# Sparky looking for a playmate



## FaeryBee (May 9, 2011)

*Sparky is sad  because The Sunshine Boys keep zooming around the room, playing together and he can't join in.

The little guy won't be able to keep up until his flight feathers grow back -- but he sure gave it a good shot a couple of times today.

Unfortunately, by the time Sparky managed to make it over to their cage, Sunny and Shelby were having a "rest" period. 

Here's a little of what happened:

This sure would be more fun with somebudgie to play with.










Hi, I've come to visit . Will you play with me?










Why aren't they inviting me in?










Aww shucks, I think everybudgie is too sleepy now to play with me.










I guess I'll go try out their cage top again all by my little lonesome. 
Lonely bird, I'm such a lonely bird...










Were you looking for me Momma? I'm right here!

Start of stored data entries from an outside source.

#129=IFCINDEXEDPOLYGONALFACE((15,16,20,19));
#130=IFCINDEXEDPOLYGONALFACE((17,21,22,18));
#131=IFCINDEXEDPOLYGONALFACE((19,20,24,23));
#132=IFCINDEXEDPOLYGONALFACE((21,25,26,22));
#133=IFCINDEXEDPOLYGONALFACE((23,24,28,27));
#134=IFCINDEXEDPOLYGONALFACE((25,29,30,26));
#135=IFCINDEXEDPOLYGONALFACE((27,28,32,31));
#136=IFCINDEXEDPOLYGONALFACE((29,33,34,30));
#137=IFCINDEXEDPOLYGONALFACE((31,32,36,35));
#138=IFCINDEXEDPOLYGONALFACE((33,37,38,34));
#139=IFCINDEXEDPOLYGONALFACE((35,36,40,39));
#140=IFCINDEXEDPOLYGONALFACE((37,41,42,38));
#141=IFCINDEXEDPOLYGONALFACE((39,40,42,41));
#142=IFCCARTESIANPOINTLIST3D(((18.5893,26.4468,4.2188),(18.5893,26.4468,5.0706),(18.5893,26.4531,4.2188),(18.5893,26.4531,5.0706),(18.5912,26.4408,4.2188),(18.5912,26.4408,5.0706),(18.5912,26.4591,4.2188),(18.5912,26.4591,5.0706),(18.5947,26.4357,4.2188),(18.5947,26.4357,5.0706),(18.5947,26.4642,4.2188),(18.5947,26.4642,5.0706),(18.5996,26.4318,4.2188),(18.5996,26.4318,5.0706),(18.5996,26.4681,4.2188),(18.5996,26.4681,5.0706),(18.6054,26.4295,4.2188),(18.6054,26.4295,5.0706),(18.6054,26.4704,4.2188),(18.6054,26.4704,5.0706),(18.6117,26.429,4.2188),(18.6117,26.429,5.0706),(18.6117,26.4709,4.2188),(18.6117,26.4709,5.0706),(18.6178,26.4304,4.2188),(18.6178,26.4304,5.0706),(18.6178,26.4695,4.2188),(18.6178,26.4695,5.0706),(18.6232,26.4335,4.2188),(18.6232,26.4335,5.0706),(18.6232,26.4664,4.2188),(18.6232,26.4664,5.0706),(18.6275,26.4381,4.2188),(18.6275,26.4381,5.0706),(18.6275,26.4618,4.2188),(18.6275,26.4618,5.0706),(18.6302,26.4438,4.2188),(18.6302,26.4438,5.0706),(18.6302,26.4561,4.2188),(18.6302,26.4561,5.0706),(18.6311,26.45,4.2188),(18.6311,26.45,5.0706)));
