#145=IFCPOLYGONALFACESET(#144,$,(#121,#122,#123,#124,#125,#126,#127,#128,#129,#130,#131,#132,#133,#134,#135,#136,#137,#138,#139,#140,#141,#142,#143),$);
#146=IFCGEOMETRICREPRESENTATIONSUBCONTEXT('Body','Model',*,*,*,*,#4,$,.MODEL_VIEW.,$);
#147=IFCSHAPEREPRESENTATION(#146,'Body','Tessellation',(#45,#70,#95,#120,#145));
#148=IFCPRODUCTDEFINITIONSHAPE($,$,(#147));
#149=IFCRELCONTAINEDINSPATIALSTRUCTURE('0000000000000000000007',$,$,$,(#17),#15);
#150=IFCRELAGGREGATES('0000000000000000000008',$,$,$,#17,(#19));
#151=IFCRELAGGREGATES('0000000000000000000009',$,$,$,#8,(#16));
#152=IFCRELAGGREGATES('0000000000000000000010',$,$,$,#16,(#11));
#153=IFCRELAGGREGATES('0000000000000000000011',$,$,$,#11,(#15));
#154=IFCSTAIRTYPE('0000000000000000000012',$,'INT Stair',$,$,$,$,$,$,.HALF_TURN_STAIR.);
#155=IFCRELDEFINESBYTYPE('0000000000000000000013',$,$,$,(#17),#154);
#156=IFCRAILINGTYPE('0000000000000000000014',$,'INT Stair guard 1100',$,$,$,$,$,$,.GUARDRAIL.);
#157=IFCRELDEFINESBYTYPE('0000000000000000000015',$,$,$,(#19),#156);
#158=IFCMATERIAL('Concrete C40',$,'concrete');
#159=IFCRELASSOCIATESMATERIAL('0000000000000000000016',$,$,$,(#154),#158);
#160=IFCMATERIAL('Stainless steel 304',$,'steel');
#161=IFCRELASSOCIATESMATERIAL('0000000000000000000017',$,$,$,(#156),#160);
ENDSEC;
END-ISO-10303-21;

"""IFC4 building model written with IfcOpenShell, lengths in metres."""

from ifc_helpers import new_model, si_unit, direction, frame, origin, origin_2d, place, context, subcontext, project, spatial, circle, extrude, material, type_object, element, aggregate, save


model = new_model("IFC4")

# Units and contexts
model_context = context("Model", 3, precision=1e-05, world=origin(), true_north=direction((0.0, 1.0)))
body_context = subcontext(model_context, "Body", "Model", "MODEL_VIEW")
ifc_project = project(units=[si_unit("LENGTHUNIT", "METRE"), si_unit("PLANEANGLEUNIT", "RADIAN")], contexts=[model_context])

Could you  please play with me?










We really should have gotten up to play with the little guy. We weren't very polite and I don't think Momma's very happy about it! 








*


----------



## seka (Dec 12, 2011)

That's so cute. I love the way you tell the story with the captions, and those are awesome photos.

Poor Sparky. Hopefully, he'll be able to keep up soon.


----------



## Pekoe (Feb 16, 2012)

Why must you keep subjecting us to all this terrible cuteness?
And then you add terribly cute captions to it! 
I can hardly tolerate it.

Pekoe thought the yellow budgies were VERY interesting btw  (mummy thinks yellow budgies are interesting too.

...I'm off to swoon over the pictures again


----------



## BirdCrazyJill (Jan 12, 2011)

*Aww poor guy!!  I'll send Julio down for a play date *


----------



## thepennywhistle (Dec 23, 2011)

*


Pekoe said:



Pekoe thought the yellow budgies were VERY interesting btw  (mummy thinks yellow budgies are interesting too.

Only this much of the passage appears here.